InvFusion: Bridging Supervised and Zero-shot Diffusion for Inverse Problems
Noam Elata, Hyungjin Chung, Jong Chul Ye, Tomer Michaeli, Michael Elad
TL;DR
InvFusion tackles the trade-off between zero-shot flexibility and training-based accuracy in diffusion-model-based inverse problems by injecting the degradation operator $H$ into the denoiser via a Feature Degradation Layer and joint-attention. This degradation-aware architecture enables a single model to solve multiple degradations with state-of-the-art posterior sampling quality and competitive MMSE performance, demonstrated on FFHQ and ImageNet scales. Beyond sampling, the framework supports MMSE prediction and Neural Posterior Principal Components estimation, offering uncertainty quantification across degradations. The work introduces a paradigm shift toward versatile, degradation-aware diffusion solvers with practical impact for high-fidelity image restoration and related tasks.
Abstract
Diffusion Models have demonstrated remarkable capabilities in handling inverse problems, offering high-quality posterior-sampling-based solutions. Despite significant advances, a fundamental trade-off persists regarding the way the conditioned synthesis is employed: Zero-shot approaches can accommodate any linear degradation but rely on approximations that reduce accuracy. In contrast, training-based methods model the posterior correctly, but cannot adapt to the degradation at test-time. Here we introduce InvFusion, the first training-based degradation-aware posterior sampler. InvFusion combines the best of both worlds -- the strong performance of supervised approaches and the flexibility of zero-shot methods.
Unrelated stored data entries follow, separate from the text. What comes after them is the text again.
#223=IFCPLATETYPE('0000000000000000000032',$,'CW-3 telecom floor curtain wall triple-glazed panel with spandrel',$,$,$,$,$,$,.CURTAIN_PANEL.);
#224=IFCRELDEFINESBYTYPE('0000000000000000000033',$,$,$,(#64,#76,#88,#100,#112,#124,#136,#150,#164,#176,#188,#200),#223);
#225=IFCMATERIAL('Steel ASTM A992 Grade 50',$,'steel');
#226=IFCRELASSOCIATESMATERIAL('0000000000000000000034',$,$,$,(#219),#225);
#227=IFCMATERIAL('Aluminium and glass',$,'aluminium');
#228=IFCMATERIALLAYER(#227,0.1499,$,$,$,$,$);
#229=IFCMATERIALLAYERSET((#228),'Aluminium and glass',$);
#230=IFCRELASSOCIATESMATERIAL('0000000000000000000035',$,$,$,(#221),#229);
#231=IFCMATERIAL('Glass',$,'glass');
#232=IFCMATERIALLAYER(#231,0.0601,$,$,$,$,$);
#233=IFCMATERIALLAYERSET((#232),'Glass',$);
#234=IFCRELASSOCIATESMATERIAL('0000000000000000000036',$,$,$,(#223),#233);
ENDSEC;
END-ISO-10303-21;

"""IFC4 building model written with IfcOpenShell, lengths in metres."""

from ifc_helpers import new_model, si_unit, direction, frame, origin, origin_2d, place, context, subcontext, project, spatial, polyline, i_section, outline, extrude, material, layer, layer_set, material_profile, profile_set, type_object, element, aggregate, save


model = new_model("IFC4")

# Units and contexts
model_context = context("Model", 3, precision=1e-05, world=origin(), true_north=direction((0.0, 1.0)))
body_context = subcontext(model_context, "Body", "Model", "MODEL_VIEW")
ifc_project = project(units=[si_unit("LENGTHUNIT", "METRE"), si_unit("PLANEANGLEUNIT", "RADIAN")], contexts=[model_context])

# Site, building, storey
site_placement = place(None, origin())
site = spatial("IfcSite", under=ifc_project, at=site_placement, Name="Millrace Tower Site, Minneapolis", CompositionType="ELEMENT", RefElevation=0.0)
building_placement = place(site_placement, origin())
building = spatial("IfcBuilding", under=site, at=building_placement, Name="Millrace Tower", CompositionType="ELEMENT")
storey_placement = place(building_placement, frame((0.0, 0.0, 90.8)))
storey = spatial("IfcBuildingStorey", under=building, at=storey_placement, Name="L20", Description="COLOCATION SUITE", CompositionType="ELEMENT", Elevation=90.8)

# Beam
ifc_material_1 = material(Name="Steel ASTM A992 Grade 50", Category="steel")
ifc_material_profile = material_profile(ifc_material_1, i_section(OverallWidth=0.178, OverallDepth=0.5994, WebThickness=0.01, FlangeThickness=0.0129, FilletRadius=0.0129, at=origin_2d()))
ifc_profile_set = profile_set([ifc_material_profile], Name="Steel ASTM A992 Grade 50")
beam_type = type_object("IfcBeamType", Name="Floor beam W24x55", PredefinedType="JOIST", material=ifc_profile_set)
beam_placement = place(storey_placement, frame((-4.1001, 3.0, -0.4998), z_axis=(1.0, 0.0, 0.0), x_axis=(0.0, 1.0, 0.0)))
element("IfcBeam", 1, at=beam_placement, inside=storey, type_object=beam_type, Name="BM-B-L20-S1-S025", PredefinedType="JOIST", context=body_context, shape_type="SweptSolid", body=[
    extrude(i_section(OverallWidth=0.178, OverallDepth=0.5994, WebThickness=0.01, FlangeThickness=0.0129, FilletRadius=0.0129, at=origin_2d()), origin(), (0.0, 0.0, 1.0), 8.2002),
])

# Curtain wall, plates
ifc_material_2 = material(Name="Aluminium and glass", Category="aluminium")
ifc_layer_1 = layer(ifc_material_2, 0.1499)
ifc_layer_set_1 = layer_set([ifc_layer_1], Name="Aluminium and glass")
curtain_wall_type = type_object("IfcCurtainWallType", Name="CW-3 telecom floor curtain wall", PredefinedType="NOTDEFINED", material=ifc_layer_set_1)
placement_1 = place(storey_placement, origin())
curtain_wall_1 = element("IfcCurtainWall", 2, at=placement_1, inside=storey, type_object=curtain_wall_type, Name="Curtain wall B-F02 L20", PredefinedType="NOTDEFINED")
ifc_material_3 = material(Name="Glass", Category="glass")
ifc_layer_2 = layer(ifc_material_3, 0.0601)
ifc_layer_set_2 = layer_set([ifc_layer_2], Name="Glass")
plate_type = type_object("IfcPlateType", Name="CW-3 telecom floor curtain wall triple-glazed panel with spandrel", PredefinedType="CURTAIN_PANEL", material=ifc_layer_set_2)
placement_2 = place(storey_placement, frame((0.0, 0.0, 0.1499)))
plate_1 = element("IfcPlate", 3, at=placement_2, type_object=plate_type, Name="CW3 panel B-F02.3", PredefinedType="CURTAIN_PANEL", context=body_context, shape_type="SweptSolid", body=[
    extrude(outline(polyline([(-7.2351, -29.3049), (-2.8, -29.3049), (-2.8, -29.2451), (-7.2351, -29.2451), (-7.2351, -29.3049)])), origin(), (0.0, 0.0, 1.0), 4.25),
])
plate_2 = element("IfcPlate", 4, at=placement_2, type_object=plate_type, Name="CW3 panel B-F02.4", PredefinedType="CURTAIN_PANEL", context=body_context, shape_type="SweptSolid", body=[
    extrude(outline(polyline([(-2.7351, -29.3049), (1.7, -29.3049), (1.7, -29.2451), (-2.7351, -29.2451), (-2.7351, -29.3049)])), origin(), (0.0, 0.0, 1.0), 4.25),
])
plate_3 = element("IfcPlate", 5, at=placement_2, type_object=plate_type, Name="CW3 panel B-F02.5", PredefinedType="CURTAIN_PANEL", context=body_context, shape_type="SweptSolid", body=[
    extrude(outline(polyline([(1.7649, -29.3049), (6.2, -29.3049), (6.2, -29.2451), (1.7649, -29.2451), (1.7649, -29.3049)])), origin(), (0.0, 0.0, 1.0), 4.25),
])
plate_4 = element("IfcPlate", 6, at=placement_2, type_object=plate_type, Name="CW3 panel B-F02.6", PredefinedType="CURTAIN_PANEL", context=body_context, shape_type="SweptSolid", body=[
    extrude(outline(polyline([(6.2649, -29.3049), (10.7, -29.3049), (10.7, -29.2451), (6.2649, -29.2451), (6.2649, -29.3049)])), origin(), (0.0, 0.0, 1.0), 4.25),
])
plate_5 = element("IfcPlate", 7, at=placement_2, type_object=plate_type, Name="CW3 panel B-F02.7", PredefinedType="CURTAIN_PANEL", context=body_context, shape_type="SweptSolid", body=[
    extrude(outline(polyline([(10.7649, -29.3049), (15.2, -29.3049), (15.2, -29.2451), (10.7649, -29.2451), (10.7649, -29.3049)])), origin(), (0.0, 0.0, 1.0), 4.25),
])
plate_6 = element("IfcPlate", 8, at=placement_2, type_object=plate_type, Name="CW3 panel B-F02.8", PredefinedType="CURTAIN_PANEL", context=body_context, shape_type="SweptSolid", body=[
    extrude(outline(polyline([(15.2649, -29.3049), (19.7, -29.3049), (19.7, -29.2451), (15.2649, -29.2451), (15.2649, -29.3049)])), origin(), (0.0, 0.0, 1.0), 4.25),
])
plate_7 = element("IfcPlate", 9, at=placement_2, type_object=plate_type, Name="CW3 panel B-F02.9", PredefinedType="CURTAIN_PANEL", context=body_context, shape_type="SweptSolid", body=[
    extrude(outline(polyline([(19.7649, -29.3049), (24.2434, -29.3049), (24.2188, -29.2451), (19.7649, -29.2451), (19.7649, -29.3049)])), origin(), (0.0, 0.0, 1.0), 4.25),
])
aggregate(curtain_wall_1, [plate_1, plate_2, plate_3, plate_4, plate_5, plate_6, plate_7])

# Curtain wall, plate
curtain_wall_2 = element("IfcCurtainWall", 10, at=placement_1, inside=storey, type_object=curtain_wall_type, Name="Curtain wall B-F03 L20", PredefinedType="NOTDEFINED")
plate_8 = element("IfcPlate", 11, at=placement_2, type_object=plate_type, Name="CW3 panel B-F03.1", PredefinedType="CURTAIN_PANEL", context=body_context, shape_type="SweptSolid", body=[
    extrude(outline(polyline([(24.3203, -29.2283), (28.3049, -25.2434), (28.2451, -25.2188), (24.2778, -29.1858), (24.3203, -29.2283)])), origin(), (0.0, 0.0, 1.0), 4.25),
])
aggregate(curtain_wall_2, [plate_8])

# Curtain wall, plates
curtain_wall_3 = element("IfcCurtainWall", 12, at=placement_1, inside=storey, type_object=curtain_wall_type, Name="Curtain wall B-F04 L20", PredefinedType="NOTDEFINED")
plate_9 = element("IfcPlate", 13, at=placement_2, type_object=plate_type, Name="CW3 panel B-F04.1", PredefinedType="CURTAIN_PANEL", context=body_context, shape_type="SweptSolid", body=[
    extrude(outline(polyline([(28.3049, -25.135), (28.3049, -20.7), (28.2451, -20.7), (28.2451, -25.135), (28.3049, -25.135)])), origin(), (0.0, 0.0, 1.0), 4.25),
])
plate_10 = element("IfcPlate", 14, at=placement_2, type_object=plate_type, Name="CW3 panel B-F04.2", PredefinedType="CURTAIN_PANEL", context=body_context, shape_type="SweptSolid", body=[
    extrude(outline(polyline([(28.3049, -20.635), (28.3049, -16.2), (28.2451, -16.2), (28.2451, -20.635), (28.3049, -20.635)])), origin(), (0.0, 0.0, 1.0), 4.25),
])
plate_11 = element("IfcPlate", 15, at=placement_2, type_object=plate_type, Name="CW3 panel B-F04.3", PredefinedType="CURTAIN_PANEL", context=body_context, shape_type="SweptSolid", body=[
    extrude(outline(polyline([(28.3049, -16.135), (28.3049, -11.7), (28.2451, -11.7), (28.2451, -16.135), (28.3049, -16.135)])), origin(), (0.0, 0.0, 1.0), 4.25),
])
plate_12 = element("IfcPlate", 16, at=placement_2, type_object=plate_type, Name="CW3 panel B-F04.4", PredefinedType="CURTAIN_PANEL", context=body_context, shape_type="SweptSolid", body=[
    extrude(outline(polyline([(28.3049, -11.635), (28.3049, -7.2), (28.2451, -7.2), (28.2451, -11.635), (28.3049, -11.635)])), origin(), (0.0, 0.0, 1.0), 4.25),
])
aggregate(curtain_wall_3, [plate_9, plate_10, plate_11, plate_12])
This is achieved through a novel architectural design that seamlessly integrates the degradation operator directly into the diffusion denoiser. We compare InvFusion against existing general-purpose posterior samplers, both degradation-aware zero-shot techniques and blind training-based methods. Experiments on the FFHQ and ImageNet datasets demonstrate state-of-the-art performance. Beyond posterior sampling, we further demonstrate the applicability of our architecture, operating as a general Minimum Mean Square Error predictor, and as a Neural Posterior Principal Component estimator.